Automatic malicious code detection

Authors
Year
2019
Published
Sborník příspěvků PAD 2019 – elektronická verze. Praha: AMCA spol. s r.o., 2019. p. 35-38. ISBN 978-80-88214-20-5.
Type
Proceedings paper
Annotation
The problem of automatic malware detection is nowadays big challenges for antivirus companies. Every day an increasing number of new unknown samples are generated malicious code that needs to be detected in a timely manner. because manual analysis of samples due to the enormous amount is not maybe, you need to use automatic malware detection. algorithms machine learning is proving to be a suitable tool that is up to able to adapt and detect even new ones, to date unknown samples.

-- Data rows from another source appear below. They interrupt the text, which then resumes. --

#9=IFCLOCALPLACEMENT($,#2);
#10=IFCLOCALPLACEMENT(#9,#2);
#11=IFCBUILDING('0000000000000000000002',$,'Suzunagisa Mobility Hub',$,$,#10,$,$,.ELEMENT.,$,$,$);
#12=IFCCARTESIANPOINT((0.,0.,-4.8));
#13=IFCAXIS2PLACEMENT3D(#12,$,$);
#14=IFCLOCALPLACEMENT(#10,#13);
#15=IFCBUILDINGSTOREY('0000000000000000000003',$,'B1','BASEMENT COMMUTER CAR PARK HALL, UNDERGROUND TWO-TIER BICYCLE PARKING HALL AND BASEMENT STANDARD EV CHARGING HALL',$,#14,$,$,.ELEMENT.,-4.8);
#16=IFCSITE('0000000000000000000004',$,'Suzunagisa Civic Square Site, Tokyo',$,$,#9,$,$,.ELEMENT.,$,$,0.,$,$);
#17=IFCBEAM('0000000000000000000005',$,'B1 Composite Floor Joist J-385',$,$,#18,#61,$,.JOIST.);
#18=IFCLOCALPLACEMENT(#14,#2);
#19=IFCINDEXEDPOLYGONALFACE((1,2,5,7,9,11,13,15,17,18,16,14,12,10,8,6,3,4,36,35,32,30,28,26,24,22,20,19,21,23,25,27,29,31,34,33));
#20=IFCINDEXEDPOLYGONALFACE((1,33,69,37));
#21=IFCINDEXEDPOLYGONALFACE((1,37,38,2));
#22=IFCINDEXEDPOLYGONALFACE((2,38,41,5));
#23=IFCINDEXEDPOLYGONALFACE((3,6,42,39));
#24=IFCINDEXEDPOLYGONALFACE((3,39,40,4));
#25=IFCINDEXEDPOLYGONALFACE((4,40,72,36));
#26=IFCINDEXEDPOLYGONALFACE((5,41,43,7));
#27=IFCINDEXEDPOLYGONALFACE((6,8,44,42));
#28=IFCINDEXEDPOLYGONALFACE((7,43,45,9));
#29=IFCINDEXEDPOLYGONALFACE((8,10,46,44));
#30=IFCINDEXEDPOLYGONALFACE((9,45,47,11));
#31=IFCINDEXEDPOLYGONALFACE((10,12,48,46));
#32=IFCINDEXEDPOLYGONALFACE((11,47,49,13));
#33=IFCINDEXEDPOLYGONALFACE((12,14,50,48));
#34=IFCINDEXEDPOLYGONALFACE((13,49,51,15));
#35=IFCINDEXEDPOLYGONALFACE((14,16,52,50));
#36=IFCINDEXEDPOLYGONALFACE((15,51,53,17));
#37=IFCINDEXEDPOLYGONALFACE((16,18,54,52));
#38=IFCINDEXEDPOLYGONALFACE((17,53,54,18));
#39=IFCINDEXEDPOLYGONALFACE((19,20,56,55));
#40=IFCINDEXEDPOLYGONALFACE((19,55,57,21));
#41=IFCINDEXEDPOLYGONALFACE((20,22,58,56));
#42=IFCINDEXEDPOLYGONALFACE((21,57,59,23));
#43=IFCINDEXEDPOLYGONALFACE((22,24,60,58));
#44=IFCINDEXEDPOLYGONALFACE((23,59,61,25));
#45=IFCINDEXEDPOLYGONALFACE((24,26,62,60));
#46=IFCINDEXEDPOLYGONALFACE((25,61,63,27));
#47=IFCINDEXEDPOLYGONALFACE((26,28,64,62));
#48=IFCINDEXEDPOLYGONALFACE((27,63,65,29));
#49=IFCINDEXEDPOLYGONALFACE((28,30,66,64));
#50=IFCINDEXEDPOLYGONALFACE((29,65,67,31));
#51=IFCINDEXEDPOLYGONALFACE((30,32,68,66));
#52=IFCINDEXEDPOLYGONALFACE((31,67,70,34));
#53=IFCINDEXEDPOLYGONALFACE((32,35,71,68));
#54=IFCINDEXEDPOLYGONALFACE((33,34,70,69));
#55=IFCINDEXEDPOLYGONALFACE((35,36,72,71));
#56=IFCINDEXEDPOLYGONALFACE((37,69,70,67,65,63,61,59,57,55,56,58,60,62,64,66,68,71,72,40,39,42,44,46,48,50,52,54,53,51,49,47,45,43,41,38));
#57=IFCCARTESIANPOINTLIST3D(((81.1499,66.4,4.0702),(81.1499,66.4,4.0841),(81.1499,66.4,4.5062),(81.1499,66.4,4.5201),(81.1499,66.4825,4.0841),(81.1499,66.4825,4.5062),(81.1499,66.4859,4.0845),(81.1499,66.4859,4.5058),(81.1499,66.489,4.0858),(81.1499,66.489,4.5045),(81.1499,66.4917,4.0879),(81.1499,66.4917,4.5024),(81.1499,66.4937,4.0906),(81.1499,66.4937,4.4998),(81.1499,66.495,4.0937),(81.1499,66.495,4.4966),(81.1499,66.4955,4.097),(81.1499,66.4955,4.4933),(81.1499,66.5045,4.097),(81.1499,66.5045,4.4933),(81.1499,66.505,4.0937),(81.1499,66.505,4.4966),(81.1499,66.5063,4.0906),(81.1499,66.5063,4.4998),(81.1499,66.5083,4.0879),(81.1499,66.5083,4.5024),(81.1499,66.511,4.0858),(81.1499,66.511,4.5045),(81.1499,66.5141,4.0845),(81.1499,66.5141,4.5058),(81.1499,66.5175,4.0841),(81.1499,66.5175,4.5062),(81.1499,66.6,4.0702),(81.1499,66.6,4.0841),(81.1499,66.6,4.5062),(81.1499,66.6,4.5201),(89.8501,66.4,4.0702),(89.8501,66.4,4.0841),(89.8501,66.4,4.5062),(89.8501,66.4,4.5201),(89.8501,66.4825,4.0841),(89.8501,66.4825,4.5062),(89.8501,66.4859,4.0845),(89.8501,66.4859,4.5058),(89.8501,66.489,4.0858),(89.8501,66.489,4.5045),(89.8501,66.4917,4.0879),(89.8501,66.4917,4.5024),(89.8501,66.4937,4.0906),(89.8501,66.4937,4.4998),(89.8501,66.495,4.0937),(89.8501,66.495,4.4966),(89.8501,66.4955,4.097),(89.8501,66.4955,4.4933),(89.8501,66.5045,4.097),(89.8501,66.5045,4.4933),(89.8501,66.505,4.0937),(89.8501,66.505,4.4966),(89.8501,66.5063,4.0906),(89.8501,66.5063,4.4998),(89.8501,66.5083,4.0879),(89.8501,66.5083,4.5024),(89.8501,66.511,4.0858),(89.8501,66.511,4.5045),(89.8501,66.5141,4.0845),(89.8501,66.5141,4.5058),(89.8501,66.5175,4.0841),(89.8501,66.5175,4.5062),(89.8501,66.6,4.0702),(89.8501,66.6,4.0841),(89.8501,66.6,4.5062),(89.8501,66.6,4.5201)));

Side-Channel Attack on the A5/1 Stream Cipher

Year
2019
Published
Proceedings of the 22nd Euromicro Conference on Digital Systems Design. Los Alamitos, CA: IEEE Computer Soc., 2019. p. 633-638. ISBN 978-1-7281-2862-7.
Type
Proceedings paper
Annotation
In this paper we present cryptanalysis of the A5/1 stream cipher used in GSM mobile phones. Our attack is based on power analysis where we assume that the power consumption while clocking 3 LFSRs is different than when clocking 2 LFSRs. We demonstrate a simple power analysis (SPA) attack and discuss existing differential power analysis (DPA). We present the attack for recovering secret key based on the information on clocking bits of LFSRs that was deduced from power analysis. The attack has a 100% success rate, requires minimal storage and it does not requires any single bit of a keystream. An average time complexity of our attack based on SPA is around 233 where the computation unit is a resolution of system of linear equations over the Z2. Recovering the secret key using information from the DPA has a constant complexity.

Malware Detection Using a Heterogeneous Distance Function

Year
2018
Published
Computing and Informatics. 2018, 37(3), 759-780. ISSN 1335-9150.
Type
Article
Annotation
Classication of automatically generated malware is an active research area. The amount of new malware is growing exponentially and since manual in- vestigation is not possible, automated malware classication is necessary. In this paper, we present a static malware detection system for the detection of unknown malicious programs which is based on combination of the weighted k-nearest neigh- bors classier and the statistical scoring technique from. We have extracted the most relevant features from portable executable (PE) le format using gain ratio and have designed a heterogeneous distance function that can handle both linear and nominal features. Our proposed detection method was evaluated on a dataset with tens of thousands of malicious and benign samples and the experimental re- sults show that the accuracy of our classier is 98.80%. In addition, preliminary results indicate that the proposed similarity metric on our feature space could be used for clustering malware into families.